Duke stretched himself amiably, affecting not to hear; and when this
pretence became so obvious that even a dog could keep it up no longer,
sat down in a corner, facing it, his back to his master, and his head
perpendicular, nose upward, supported by the convergence of the two
walls. This, from a dog, is the last word, the comble of the immutable.
Penrod commanded, stormed, tried gentleness; persuaded with honeyed
words and pictured rewards. Duke's eyes looked backward; otherwise
he moved not. Time elapsed. Penrod stooped to flattery, finally to
insincere caresses; then, losing patience spouted sudden threats.
Duke remained immovable, frozen fast to his great gesture of implacable
despair.
A footstep sounded on the threshold of the store-room.
"Penrod, come down from that box this instant!"
"Ma'am?"
"Are you up in that sawdust-box again?" As Mrs. Schofield had just heard
her son's voice issue from the box, and also, as she knew he was there
anyhow, her question must have been put for oratorical purposes only.
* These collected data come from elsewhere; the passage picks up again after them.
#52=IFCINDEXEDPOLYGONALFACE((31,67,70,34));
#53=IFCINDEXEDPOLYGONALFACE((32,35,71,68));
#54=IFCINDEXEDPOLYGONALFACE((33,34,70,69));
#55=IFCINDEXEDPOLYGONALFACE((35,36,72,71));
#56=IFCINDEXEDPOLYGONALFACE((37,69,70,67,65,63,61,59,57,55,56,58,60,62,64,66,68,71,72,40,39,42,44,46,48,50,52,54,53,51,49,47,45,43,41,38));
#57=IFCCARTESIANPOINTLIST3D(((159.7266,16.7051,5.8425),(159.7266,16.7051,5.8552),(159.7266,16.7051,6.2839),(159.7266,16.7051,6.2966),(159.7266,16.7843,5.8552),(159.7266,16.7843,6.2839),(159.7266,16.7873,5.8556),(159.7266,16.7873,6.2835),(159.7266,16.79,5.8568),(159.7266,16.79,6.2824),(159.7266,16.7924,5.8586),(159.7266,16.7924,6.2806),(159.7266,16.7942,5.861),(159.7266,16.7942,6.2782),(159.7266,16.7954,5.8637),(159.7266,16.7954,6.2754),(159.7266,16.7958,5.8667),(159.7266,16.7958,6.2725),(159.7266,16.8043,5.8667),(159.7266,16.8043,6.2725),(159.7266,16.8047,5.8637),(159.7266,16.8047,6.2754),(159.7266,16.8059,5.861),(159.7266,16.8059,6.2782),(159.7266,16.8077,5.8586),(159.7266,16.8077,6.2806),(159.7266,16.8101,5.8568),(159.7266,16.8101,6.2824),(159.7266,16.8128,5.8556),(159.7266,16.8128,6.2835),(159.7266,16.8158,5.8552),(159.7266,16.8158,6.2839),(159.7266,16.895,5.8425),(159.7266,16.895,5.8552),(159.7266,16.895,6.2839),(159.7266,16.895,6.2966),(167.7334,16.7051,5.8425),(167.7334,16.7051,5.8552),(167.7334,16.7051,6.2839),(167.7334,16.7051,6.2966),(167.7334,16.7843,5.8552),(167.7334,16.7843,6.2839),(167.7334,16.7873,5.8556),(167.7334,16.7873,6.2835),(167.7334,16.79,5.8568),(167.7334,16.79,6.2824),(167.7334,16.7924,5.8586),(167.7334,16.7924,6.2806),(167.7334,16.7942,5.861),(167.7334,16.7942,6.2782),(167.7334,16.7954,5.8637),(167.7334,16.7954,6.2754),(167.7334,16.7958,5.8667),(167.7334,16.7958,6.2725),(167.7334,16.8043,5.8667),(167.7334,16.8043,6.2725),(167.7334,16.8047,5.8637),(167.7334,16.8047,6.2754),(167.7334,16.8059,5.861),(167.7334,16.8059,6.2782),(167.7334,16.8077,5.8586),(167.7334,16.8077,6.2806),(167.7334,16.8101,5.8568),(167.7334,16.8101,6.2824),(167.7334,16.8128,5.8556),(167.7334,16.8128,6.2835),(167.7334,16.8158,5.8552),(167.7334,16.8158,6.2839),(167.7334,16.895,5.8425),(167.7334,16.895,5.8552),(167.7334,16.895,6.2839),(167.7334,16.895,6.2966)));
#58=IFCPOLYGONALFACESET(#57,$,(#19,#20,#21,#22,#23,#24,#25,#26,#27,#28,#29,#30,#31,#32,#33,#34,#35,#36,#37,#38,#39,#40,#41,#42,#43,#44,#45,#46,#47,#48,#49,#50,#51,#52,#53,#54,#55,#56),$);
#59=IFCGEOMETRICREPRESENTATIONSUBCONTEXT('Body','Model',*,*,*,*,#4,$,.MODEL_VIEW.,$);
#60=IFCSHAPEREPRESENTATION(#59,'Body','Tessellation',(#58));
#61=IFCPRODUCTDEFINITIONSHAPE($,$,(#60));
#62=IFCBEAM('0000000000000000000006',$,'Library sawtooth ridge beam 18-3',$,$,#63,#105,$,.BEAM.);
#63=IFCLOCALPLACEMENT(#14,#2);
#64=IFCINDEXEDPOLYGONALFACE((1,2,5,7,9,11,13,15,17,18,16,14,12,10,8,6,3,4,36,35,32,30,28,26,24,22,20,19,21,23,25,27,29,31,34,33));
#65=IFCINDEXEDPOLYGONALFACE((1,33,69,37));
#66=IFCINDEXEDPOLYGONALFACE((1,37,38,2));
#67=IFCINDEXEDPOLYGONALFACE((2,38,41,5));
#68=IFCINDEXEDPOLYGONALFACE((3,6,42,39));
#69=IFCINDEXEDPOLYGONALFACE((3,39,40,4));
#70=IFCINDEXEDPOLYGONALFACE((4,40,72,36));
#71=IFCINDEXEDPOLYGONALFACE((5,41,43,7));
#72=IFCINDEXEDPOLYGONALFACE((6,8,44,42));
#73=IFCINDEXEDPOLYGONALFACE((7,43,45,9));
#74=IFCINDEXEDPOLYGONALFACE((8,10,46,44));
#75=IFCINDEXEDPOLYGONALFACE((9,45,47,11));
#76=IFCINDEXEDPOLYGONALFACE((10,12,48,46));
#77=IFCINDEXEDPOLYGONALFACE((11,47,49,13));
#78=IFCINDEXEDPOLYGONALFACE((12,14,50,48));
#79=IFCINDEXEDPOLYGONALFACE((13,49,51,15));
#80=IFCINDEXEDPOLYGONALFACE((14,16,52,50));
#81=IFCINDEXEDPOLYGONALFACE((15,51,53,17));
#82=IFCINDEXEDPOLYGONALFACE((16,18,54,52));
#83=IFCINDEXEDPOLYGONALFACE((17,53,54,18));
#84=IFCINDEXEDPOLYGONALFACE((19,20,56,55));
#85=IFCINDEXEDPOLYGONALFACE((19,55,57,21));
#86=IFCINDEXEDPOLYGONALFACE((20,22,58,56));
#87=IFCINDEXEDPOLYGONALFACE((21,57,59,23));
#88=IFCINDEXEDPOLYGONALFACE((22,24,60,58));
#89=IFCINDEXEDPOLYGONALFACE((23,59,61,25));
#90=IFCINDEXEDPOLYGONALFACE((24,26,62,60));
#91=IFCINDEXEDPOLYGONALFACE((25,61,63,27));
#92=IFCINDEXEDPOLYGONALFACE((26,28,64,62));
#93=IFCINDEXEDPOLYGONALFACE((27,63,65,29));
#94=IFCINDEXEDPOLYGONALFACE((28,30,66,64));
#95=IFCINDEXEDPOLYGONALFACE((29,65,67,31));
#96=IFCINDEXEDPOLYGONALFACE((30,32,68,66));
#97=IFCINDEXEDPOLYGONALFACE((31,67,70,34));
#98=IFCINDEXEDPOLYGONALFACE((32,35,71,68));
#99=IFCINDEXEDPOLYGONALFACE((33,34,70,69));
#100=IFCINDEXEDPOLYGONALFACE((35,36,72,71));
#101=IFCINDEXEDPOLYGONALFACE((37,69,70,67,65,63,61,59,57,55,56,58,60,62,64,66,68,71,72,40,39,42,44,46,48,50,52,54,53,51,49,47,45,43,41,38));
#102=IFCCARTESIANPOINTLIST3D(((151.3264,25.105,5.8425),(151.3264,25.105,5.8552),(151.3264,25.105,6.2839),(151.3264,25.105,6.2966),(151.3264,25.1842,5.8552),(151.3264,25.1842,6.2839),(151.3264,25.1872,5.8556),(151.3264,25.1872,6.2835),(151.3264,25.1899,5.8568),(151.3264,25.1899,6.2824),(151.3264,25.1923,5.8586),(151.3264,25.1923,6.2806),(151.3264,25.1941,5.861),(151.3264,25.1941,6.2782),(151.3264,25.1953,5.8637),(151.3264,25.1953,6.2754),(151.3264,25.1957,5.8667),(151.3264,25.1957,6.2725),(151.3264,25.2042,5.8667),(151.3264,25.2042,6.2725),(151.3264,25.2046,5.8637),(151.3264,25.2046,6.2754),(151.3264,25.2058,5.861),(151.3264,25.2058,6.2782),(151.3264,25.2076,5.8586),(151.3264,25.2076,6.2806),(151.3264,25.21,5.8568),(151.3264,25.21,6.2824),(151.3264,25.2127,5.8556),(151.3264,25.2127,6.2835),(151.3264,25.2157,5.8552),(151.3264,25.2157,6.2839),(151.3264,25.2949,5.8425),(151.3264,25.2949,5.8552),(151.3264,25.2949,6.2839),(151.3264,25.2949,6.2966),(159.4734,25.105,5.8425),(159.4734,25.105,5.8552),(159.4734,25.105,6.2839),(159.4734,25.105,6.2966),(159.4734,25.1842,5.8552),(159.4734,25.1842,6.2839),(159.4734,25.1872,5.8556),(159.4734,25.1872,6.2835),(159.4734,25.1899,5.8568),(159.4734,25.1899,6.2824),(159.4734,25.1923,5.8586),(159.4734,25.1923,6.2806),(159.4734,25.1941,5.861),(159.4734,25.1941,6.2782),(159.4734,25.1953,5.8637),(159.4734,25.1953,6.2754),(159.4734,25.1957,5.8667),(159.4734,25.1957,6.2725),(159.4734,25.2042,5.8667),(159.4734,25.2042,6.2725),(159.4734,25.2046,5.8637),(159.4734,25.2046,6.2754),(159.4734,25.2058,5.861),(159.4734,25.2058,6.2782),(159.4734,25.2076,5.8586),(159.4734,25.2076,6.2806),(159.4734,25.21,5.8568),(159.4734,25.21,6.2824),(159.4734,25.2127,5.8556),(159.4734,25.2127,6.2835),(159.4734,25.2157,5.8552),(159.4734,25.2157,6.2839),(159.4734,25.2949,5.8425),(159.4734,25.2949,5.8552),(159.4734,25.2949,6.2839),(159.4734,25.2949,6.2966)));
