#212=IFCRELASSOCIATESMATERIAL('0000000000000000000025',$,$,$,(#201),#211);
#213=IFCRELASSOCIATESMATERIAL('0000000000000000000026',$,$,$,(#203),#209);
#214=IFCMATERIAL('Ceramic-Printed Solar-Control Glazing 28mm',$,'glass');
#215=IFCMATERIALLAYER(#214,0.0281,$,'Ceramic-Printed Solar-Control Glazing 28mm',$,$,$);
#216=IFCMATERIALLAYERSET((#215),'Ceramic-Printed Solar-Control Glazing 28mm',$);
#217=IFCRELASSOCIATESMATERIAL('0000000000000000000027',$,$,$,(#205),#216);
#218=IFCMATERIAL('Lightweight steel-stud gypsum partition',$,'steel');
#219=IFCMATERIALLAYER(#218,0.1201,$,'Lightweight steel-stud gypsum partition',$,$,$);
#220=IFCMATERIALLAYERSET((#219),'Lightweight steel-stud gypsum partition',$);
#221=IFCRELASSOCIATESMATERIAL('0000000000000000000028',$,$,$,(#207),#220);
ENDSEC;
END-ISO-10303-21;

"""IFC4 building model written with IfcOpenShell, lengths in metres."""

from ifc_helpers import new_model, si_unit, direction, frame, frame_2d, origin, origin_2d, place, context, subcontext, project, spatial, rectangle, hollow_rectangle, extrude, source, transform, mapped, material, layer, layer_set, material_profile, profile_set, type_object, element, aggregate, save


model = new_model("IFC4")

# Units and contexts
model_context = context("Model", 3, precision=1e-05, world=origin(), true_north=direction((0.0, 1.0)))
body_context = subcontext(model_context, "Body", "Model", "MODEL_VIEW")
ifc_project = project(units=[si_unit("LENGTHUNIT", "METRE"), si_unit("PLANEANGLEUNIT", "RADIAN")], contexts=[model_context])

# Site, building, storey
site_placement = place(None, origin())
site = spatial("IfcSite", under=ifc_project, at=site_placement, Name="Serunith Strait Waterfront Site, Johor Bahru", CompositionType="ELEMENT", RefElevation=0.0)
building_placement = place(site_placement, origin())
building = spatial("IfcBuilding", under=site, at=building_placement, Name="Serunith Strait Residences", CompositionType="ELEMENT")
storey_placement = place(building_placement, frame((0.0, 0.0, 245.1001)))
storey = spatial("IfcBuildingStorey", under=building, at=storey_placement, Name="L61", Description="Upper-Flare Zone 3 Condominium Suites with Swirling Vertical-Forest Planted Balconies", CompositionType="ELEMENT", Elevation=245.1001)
"Because if you are," she continued promptly, "I'm going to ask your
papa not to let you play there any----"
Penrod's forehead, his eyes, the tops of his ears, and most of his hair,
became visible to her at the top of the box. "I ain't 'playing!'" he
said indignantly.
"Well, what ARE you doing?"
"Just coming down," he replied, in a grieved but patient tone.
"Then why don't you COME?"
"I got Duke here.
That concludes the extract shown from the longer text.